# Trouble acquaintancing Females



## ShrimpDiver (Sep 28, 2011)

Gr. I have set up a sorority tank yesterday and had the females acquaintanced before hand. But now that they are actually in the vicinity to bother each other one of my females will not leave the others alone. The other 2 just ignore her and do not retaliate but she just follows them around and flares her gills. She is stressing herself out and I am extremely worried.


----------



## snail (Aug 6, 2010)

Are you talking about Bettas? How many do you have? A sorority with at least 5 is the best, some people say 3 works but others say that almost always causes problems. It also depends a bit on personality, once in a while a female betta just won't accept others and has to be kept in her own tank. It will take a while for them to settle in while they establish a pecking order. Having plants and decor so they have places to get away from each other might help. If they are getting to stressed out maybe a temporary tank divider would help them get used to each other and the tank.


----------



## majerah1 (Oct 29, 2010)

You need to increase the numbers and heavily plant/decorate the tank foir them.Introduce the smallest most docile female first and wait about an hour.Then keep epeating this until the most dominant biggest girl is added last.If she keeps on bullying place her in a livebearer trap for a day or so.

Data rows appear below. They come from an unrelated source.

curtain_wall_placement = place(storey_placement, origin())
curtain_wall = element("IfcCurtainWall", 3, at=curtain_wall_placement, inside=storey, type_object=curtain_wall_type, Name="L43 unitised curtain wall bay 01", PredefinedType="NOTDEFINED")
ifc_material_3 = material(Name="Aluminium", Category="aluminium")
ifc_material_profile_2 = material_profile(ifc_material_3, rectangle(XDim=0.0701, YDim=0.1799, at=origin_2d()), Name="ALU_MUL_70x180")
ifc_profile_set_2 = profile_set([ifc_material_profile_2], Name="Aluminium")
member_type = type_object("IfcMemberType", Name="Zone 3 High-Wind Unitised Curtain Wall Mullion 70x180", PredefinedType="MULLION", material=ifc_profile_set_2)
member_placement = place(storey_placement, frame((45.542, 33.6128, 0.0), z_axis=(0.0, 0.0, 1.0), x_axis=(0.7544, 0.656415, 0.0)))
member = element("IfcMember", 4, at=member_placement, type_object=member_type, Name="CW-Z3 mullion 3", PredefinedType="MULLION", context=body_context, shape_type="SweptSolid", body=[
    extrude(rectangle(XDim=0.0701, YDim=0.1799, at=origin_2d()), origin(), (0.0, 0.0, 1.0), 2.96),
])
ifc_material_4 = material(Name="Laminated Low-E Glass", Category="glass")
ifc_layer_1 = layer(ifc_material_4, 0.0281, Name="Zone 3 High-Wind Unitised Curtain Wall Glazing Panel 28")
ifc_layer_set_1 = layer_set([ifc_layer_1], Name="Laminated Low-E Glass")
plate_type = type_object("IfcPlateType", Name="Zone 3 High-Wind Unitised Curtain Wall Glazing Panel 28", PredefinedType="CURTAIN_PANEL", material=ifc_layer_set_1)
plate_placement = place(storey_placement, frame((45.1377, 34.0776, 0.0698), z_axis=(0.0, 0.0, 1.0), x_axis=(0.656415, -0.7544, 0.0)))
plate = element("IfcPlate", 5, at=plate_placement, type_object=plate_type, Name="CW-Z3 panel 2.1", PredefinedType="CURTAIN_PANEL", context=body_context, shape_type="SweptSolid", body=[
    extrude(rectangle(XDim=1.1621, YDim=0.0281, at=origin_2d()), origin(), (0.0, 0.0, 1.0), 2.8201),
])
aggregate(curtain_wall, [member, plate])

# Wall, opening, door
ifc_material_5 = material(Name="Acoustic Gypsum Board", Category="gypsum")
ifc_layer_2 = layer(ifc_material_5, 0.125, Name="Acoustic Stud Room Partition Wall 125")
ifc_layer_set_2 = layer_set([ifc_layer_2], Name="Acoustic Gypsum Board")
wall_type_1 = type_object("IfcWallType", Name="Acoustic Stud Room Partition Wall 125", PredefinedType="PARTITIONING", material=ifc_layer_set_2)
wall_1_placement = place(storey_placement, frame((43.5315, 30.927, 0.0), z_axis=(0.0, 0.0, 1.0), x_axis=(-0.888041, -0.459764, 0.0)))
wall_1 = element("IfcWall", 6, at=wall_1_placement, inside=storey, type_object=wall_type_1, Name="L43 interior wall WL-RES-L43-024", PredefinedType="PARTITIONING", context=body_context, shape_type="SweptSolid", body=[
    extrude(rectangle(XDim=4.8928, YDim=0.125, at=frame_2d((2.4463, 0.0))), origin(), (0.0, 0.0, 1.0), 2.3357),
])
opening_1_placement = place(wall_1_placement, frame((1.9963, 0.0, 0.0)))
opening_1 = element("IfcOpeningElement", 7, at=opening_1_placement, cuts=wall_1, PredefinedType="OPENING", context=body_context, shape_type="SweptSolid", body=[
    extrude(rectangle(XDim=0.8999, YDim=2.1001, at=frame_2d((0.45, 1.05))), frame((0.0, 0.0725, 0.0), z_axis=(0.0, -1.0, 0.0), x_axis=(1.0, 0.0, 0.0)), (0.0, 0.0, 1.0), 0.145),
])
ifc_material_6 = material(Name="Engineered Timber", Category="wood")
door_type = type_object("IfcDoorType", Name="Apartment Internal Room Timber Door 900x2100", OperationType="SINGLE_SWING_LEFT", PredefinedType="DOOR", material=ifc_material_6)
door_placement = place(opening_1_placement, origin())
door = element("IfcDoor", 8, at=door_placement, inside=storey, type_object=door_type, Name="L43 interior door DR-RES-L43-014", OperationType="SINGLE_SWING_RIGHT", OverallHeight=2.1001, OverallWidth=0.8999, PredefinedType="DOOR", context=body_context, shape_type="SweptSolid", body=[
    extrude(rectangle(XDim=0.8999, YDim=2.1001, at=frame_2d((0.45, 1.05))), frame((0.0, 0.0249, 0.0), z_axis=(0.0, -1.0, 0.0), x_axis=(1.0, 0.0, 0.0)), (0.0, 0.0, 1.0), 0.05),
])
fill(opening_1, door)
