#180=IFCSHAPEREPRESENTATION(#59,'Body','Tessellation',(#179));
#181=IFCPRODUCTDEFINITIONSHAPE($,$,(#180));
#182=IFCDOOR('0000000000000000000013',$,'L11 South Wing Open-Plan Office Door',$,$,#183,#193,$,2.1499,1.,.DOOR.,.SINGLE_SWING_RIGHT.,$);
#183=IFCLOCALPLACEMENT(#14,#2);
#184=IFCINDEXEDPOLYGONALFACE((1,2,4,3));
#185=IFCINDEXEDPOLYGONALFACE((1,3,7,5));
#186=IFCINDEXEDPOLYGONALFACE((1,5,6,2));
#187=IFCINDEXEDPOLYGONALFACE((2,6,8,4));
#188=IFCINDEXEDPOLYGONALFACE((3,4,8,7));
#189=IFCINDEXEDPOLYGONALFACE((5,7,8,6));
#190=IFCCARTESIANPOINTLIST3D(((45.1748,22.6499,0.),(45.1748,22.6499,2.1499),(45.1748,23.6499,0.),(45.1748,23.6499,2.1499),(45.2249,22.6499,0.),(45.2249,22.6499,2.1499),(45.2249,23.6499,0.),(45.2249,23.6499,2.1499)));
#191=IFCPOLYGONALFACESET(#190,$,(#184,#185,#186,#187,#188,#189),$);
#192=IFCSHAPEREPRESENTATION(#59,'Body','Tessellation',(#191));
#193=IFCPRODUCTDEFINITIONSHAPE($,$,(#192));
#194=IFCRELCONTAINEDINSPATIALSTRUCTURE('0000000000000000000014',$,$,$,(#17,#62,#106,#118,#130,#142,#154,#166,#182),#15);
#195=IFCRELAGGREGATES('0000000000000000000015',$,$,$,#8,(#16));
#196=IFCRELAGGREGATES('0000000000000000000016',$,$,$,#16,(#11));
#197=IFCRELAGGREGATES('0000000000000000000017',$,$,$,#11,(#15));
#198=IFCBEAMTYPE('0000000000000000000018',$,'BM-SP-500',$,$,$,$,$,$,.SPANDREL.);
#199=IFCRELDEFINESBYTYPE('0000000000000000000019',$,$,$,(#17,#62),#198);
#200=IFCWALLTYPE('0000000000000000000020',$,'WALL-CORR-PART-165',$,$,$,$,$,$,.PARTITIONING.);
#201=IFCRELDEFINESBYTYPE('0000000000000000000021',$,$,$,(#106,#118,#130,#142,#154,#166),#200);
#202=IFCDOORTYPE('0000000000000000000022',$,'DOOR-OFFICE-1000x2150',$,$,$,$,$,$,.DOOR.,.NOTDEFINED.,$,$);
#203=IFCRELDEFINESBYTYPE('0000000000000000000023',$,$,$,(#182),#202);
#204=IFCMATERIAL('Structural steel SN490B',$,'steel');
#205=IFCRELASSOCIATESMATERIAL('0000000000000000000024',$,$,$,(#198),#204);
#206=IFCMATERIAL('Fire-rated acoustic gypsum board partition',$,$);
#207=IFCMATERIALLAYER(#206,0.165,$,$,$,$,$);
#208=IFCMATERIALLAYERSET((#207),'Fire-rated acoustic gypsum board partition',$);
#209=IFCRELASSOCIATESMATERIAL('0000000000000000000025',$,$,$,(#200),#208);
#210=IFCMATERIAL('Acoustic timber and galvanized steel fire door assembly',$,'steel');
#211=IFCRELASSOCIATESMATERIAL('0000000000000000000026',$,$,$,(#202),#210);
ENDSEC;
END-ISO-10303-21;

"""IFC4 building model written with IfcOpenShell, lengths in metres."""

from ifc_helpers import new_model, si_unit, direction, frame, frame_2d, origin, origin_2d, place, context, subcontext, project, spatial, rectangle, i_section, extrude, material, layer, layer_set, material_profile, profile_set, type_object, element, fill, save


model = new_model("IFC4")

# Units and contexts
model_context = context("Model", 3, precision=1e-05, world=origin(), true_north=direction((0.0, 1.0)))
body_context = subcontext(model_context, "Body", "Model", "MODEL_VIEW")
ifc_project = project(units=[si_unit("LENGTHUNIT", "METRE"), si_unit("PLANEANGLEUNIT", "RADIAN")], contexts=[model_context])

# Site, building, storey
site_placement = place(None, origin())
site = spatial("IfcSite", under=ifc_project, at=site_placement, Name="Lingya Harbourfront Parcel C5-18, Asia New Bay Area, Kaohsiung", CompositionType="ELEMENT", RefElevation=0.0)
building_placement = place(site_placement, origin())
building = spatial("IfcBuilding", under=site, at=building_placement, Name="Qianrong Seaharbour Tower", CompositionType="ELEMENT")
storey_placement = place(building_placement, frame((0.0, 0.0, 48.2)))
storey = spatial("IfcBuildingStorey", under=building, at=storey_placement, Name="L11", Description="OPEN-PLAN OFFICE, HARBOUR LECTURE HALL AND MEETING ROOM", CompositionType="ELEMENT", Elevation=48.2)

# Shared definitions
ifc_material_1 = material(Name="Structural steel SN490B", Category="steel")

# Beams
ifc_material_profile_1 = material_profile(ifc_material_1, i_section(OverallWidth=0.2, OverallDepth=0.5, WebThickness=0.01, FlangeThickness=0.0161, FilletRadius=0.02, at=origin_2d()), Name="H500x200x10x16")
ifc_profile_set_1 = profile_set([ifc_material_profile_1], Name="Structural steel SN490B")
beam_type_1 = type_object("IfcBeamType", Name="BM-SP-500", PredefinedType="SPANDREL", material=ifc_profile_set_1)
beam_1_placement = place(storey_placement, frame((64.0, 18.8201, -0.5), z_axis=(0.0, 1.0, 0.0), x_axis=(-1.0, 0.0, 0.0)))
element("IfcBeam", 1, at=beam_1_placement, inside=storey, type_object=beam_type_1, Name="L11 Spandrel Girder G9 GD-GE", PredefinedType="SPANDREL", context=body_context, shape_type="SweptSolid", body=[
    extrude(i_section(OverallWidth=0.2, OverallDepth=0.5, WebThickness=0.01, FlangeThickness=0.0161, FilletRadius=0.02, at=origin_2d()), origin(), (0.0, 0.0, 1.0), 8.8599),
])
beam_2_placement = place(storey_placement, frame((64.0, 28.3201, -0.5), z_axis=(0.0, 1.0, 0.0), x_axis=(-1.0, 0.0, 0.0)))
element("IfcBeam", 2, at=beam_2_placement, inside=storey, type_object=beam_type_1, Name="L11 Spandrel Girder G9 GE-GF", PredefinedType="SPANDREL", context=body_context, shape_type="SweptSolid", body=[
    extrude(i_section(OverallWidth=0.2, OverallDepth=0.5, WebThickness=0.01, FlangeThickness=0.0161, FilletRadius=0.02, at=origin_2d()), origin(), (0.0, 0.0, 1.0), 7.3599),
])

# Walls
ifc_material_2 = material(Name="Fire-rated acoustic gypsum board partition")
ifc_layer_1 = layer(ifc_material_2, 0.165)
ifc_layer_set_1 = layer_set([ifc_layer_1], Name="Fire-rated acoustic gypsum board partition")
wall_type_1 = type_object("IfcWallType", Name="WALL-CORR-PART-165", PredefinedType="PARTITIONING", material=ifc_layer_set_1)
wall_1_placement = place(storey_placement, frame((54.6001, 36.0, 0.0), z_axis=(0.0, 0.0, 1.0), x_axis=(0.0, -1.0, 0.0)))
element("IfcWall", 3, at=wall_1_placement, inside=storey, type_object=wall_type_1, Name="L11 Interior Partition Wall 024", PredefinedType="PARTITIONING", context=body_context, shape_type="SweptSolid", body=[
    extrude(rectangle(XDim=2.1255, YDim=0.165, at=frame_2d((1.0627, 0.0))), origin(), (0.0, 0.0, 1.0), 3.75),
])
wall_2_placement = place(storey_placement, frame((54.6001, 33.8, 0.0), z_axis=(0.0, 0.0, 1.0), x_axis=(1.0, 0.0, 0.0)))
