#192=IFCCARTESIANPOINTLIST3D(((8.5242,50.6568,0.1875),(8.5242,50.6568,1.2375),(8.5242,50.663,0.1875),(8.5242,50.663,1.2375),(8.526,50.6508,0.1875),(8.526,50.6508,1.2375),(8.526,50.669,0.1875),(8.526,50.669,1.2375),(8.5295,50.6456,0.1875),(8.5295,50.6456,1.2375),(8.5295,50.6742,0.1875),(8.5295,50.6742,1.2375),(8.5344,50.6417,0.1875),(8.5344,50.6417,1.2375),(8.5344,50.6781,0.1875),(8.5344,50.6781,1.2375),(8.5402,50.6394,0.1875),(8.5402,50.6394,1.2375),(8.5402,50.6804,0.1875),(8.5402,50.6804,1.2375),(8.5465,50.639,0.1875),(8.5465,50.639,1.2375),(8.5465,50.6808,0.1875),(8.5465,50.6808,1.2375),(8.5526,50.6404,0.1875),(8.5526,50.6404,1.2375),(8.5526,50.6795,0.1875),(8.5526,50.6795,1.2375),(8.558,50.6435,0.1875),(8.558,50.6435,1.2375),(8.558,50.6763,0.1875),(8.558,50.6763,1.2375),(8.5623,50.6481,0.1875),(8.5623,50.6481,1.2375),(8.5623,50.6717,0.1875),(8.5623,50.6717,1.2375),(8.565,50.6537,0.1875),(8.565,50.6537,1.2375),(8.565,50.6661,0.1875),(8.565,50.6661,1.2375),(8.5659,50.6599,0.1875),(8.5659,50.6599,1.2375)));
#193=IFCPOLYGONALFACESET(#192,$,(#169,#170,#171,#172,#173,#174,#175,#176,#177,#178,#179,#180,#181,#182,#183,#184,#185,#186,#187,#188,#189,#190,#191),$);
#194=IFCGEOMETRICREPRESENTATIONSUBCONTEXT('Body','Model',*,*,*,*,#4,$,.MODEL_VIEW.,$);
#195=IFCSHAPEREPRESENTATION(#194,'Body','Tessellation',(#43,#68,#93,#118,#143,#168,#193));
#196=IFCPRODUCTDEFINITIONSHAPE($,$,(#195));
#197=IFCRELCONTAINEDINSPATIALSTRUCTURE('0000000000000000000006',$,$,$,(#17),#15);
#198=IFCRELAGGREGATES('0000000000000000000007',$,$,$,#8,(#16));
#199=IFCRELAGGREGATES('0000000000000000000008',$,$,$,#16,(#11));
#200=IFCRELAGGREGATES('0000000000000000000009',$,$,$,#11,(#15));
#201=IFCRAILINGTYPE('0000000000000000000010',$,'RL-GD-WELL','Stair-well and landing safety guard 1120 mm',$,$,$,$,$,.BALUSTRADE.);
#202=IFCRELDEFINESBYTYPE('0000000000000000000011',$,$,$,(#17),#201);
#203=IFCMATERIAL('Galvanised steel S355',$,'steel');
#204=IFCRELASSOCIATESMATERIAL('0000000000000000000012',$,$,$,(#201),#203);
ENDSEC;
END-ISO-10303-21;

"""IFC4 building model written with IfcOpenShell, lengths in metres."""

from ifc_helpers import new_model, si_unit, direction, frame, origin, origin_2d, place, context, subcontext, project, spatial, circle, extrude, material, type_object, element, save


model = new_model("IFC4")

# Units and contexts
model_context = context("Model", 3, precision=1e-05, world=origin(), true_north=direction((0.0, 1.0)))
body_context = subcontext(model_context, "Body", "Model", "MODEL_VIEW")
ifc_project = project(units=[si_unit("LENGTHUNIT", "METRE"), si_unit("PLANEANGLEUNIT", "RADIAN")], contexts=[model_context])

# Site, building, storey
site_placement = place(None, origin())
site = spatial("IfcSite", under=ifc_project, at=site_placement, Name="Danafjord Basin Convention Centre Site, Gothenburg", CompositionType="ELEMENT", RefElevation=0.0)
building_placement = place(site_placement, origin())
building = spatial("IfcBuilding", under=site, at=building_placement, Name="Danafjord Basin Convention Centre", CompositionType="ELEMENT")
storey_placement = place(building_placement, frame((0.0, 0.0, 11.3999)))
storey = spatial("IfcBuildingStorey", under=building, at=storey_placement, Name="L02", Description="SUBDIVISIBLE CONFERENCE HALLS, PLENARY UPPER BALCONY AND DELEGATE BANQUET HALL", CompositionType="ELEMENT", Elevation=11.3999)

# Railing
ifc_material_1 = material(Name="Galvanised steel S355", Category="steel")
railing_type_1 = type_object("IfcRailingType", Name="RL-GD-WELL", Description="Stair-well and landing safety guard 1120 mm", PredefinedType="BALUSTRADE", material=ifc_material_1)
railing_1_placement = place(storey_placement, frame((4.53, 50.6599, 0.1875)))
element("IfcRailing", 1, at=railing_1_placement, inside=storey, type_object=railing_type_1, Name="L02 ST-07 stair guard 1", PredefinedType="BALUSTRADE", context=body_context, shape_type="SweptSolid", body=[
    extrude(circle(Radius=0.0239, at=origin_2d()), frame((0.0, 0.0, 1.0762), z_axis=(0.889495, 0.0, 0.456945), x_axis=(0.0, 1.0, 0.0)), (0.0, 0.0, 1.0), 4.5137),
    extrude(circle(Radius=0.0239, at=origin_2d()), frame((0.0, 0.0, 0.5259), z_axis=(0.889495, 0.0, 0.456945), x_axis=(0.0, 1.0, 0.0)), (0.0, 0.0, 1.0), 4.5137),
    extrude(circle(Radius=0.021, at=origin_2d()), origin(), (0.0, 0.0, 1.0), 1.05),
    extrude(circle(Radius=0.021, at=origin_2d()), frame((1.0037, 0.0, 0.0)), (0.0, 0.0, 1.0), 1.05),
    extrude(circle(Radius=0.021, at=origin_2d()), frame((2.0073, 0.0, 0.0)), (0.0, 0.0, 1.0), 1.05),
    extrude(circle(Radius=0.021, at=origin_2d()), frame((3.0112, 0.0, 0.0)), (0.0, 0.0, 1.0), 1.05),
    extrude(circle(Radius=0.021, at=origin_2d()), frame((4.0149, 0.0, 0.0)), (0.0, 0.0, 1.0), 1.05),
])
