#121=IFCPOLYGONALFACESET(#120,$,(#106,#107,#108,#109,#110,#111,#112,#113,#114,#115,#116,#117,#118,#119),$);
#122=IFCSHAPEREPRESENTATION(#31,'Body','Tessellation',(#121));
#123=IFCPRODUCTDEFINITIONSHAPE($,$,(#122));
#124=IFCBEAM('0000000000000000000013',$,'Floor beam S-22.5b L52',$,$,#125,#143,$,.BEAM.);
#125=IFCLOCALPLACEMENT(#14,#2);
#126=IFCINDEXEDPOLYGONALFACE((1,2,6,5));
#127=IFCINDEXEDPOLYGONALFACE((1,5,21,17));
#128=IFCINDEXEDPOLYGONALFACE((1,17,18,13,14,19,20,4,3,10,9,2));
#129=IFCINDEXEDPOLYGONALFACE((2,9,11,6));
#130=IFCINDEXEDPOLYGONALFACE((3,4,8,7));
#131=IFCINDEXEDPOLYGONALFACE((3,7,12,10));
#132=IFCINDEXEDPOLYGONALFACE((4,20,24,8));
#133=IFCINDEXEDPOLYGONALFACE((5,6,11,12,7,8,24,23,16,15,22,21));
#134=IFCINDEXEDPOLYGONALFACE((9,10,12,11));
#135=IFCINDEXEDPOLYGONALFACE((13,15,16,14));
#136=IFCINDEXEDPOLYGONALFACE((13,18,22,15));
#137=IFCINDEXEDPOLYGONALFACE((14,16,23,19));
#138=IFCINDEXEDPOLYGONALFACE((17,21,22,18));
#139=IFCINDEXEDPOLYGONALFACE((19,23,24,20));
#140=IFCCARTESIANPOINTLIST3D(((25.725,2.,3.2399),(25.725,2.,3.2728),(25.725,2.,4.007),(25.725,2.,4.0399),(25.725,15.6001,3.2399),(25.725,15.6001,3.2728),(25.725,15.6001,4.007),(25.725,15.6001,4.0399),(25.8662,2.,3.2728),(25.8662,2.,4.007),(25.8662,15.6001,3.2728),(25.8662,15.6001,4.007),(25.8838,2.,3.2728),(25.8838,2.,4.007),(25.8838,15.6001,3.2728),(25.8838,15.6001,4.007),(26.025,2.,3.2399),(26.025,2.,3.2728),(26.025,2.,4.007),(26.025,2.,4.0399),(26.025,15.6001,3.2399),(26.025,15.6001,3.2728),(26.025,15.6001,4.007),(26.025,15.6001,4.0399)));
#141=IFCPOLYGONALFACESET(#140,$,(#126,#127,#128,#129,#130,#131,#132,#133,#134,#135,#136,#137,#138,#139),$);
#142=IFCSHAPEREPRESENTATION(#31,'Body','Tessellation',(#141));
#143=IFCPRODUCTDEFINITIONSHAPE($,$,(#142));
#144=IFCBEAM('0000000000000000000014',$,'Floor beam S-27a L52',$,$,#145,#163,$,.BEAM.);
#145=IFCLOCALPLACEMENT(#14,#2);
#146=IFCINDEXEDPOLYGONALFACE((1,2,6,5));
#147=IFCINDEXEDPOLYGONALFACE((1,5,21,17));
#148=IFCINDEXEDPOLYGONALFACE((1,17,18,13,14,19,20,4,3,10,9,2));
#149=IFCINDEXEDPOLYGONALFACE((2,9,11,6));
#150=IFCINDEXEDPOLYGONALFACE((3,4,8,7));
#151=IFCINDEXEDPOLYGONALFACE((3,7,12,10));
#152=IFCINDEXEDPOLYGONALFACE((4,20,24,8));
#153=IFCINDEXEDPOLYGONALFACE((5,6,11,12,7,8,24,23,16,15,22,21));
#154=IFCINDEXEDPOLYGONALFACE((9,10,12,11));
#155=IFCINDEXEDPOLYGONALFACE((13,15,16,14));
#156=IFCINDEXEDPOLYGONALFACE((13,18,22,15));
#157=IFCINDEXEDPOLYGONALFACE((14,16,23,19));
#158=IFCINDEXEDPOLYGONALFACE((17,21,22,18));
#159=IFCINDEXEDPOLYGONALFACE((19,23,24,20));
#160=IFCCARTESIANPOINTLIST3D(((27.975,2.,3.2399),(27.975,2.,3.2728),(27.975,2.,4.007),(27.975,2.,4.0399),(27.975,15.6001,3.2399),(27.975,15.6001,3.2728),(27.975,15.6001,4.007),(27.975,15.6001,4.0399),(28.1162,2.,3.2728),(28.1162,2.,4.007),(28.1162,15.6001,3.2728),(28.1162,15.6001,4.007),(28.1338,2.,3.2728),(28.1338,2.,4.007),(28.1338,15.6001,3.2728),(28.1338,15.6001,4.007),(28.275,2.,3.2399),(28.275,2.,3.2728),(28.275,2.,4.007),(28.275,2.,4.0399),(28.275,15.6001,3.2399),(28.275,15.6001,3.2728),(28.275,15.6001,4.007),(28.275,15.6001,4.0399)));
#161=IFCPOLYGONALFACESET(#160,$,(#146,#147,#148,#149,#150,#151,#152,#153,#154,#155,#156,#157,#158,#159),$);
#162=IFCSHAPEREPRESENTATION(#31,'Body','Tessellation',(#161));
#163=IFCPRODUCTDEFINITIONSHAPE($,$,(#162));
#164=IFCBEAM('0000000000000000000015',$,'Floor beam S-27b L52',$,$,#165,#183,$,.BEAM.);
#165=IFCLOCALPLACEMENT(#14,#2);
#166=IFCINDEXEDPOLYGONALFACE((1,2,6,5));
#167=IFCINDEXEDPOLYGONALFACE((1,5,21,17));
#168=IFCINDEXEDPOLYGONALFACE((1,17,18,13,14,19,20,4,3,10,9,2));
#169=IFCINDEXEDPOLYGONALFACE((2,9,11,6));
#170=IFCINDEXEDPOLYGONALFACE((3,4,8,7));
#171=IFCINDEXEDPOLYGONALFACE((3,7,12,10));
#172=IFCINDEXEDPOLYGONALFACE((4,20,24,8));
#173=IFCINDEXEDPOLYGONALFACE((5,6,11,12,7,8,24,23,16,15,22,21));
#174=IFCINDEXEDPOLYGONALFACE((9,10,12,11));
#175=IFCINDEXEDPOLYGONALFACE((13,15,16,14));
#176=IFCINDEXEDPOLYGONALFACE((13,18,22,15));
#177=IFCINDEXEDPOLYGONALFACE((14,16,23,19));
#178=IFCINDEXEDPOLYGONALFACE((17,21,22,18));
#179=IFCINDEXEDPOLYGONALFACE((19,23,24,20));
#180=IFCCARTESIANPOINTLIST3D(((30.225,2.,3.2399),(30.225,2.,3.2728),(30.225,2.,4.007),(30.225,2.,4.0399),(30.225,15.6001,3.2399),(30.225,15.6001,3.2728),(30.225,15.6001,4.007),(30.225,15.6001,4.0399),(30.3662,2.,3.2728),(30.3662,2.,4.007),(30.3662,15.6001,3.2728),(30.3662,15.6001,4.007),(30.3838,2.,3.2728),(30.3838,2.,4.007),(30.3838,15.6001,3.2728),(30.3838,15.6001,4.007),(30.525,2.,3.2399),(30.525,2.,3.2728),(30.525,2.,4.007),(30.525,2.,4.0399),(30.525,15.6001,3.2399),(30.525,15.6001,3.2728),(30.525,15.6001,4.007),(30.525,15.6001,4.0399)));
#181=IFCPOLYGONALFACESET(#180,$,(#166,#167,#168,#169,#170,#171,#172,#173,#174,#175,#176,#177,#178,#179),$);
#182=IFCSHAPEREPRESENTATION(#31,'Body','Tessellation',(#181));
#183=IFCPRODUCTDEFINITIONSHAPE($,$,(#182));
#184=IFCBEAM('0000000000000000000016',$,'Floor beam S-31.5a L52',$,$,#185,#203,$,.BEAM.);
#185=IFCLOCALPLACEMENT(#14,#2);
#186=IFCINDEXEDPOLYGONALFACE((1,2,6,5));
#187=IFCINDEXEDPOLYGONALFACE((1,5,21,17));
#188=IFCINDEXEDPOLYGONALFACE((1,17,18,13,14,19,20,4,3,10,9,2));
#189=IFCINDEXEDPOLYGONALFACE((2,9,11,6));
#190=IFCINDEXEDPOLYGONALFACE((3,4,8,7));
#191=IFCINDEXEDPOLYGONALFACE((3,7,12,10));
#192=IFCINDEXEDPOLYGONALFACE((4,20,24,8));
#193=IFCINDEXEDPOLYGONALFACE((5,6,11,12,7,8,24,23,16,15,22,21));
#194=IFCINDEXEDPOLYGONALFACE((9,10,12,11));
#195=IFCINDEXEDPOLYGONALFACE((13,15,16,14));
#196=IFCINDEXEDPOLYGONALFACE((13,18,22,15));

Bettas are bred for aggression and sororities rarely work for long periods of time unless they are siblings raised up together.Just keep an eye out for lip locking and slamming to the ground or side walls.


----------



## ShrimpDiver (Sep 28, 2011)

Well so far it seems to be working. I added to new females bringing my total to 5. They all seem to be getting along none of them flare anymore and they don't seem to have their stress stripes flashing. Pearl (the follower) just seems interested in the other ones. Like she hovers along behind them as they swim around. When they stop swimming she just swims ahead of them. Also I have it heavily planted in the front with Java fern and in the back with Anacharis and have a lot of little caves. Hope I can get it to last for a long time.


----------